It’s October, and I’m taking a walk with my kids. We stroll along merrily, when suddenly, we come face-to-face with a giant demonic clown that looms over a doorway.
“What’s that?” my 4-year-old wants to know.
What can I say? How about, “It’s a possessed clown, probably modeled after Pennywise, an evil shapeshifting villain who preys on children. These homeowners are just being festive! Kids actually love decorations like this!”
Here, I imagine Stephen King fans might retort, “Actually, a child-killing clown isn’t so very different from a Halloween witch or a vampire, because they also prey upon kids.”
But they’re different. And anyone with a brain knows it.
The fight for Halloween—the old Halloween—has been on for a few decades now. When exactly it went from pleasant and slightly spooky to totally disgusting and sinister, I can’t say. Some say it happened in the 1960s and ’70s when zombie and slasher films became popular.
Maybe, maybe not. Litigating the point doesn’t matter. The crux is that public depictions of evil incarnate, by way of psychotic characters and grotesque displays of homicide and mutilation, are a recent development. It’s changing Halloween and our sensibilities in general.
I take frequent walks around our neighborhood with my kids. We like to go different ways each time. But every fall, I limit us to certain streets, certain blocks. I don’t go places where I know there’ll be frightening Halloween decorations.
We don’t do super scary costumes or movies either. We avoid certain stores where the gross stuff is for sale. In fact, I censor a great deal of what my children see, read, and watch—all year long.
A lot of people would criticize me for this. Don’t shelter your kids too much or they’ll turn out weird, some argue. But I don’t believe in that.
In another time, sure, I wouldn’t have to dodge the vulgarity that bubbles up this time of year. I wouldn’t have to, because 75 years ago, no one would have put a psychotic butcher with a deli case full of dead body parts on their lawn.

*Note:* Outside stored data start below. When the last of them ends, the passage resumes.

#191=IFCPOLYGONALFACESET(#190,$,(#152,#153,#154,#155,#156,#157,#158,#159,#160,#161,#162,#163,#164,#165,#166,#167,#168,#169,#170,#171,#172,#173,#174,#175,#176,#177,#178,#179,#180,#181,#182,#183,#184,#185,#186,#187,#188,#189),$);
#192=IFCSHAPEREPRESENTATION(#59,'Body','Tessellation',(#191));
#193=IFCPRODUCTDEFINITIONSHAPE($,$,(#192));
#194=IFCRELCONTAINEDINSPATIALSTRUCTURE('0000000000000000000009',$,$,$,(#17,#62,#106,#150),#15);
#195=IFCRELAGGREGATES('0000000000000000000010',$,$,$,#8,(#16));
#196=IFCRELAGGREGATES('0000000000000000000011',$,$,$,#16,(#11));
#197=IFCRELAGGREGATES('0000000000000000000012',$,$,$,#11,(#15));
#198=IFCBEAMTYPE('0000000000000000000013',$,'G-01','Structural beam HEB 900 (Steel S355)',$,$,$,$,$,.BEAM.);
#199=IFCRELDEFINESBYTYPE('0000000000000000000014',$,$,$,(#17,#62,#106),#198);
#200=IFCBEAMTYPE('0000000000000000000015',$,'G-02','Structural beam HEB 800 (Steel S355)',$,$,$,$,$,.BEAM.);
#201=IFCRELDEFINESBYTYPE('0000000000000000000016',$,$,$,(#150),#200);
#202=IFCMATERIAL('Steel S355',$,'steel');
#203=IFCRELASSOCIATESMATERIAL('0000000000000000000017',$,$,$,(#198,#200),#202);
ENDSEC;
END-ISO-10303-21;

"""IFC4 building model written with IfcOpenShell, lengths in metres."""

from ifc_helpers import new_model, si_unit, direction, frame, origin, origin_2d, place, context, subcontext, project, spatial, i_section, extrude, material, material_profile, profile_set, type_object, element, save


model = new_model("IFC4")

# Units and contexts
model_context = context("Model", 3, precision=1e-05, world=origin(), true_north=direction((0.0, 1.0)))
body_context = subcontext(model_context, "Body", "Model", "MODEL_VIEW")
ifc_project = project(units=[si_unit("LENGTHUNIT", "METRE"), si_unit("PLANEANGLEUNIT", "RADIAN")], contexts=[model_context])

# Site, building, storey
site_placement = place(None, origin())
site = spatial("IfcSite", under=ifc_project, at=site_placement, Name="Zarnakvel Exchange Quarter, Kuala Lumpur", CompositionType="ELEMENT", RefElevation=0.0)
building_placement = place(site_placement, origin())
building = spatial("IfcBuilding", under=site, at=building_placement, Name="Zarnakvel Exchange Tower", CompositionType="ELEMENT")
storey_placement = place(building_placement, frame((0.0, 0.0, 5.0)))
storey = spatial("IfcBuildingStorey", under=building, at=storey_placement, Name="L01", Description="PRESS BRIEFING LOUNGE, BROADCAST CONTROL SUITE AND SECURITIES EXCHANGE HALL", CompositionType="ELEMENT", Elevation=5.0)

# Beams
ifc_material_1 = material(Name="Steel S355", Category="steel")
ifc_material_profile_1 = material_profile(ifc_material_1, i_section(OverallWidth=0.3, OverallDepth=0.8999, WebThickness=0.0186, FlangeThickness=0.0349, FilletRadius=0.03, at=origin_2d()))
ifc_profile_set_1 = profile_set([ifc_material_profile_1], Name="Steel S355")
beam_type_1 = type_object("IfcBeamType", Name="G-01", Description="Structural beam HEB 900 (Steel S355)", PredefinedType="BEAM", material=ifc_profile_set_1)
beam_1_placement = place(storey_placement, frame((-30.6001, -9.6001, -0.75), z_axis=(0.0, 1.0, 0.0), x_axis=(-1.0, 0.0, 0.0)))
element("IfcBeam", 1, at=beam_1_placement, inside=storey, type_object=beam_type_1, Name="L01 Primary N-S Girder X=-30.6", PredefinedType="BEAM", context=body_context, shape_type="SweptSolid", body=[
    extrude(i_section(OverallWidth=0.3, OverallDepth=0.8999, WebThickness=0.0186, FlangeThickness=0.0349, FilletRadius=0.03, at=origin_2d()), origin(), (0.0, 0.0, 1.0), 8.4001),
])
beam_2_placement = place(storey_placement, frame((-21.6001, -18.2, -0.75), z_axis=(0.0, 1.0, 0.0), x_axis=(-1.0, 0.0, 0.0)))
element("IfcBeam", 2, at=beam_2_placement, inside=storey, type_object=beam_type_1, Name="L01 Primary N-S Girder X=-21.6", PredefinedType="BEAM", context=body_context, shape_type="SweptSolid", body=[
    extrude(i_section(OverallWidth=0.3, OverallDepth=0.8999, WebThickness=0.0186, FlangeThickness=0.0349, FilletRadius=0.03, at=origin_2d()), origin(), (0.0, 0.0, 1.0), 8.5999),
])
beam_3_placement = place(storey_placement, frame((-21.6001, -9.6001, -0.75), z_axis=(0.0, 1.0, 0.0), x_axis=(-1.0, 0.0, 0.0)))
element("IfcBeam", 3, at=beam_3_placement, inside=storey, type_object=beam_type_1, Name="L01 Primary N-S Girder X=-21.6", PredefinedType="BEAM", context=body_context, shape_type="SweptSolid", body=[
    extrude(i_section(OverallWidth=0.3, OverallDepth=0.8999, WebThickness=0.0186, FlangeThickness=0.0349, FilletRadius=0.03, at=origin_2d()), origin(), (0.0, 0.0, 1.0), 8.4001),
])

One might argue that people have been fascinated by the creepy and macabre for millennia. And they’d be right. Aeschylus’s “Oresteia,” an ancient Greek trilogy of plays, features multiple murders and a ghost. There are the three witches in Shakespeare’s “Macbeth” and Banquo’s ghost. Bram Stoker’s “Dracula” is one of my personal favorites. George Orwell even wrote an essay about the 20th century Englishman’s fascination with real-life murder stories. And of course, Halloween itself obviously has a long past infused with spirits, hauntings, and the thin veil between life and death.
But everyone, up until three minutes ago, knew the difference between tasteful fright and gratuitous gore. Especially when kids were involved.
The sick stuff is new.
People squabble over the reasons why this descent is happening. Certainly, momentum away from religion and wholesomeness. Plummeting fertility rates and fewer children also has something to do with it.
But the 20th century is also responsible for promoting the aimless impulse to outrage, disturb, and shock. Fake dead bodies, heads pierced through iron stakes, cauldrons of bloody limbs on your front lawn—that’ll do it.
It really only works for a moment, though—before it gets worse. As Roger Scruton said, “What is shocking first time round is boring and vacuous when repeated.” And so we descend.
Everywhere you look, beauty has become more scarce, while ugliness and a strange obsession with evil seem to be ramping up. Movies, TV, commercials, billboards, bumper stickers, T-shirts. Even architecture. Beyond nature, where can you see beauty in your Michigan town?
Maybe it’s the house with the dismembered naked baby dolls hanging from trees, Duck Tape over their mouths, hands bound at the wrists. This was on display a few years ago in Plymouth. When a local news station interviewed neighbors, they shrugged. “It’s her house,” one woman said. “She can put up anything in her yard she wants to.”
Of course, most of us are too polite to say anything. We fear the worst—that we could insult someone. After all, more threatening than a demented axe-murderer is the thought of judging someone else’s taste. Everything’s subjective, right?
Wrong.
When I was a film student, on my very first day of my very first class, the very first thing our professor told us was that in every film, assume all the little things you see were put there on purpose. The poster on the teenager’s bedroom wall. The items in another character’s fridge. The scarf she wears. The car he drives. Everything means something.
It’s the same with life. Your environment means something to your life. What you see when you wake up, look out your window, or take a walk is important. And this is amplified tenfold with children. If we’re not careful with what we expose them to, they’ll be pickled in whatever the worst of society chooses to let loose. And you will be too.
So what can you do?
To my mind, the one and only answer is to control whatever you can. You cannot control everything. But you can control your own environment.
Halloween still has plenty to love about it. If you want to enjoy the holiday, do it your way. “Be the change you wish to see in the world” isn’t just a dorm room poster. It’s a great and powerful suggestion.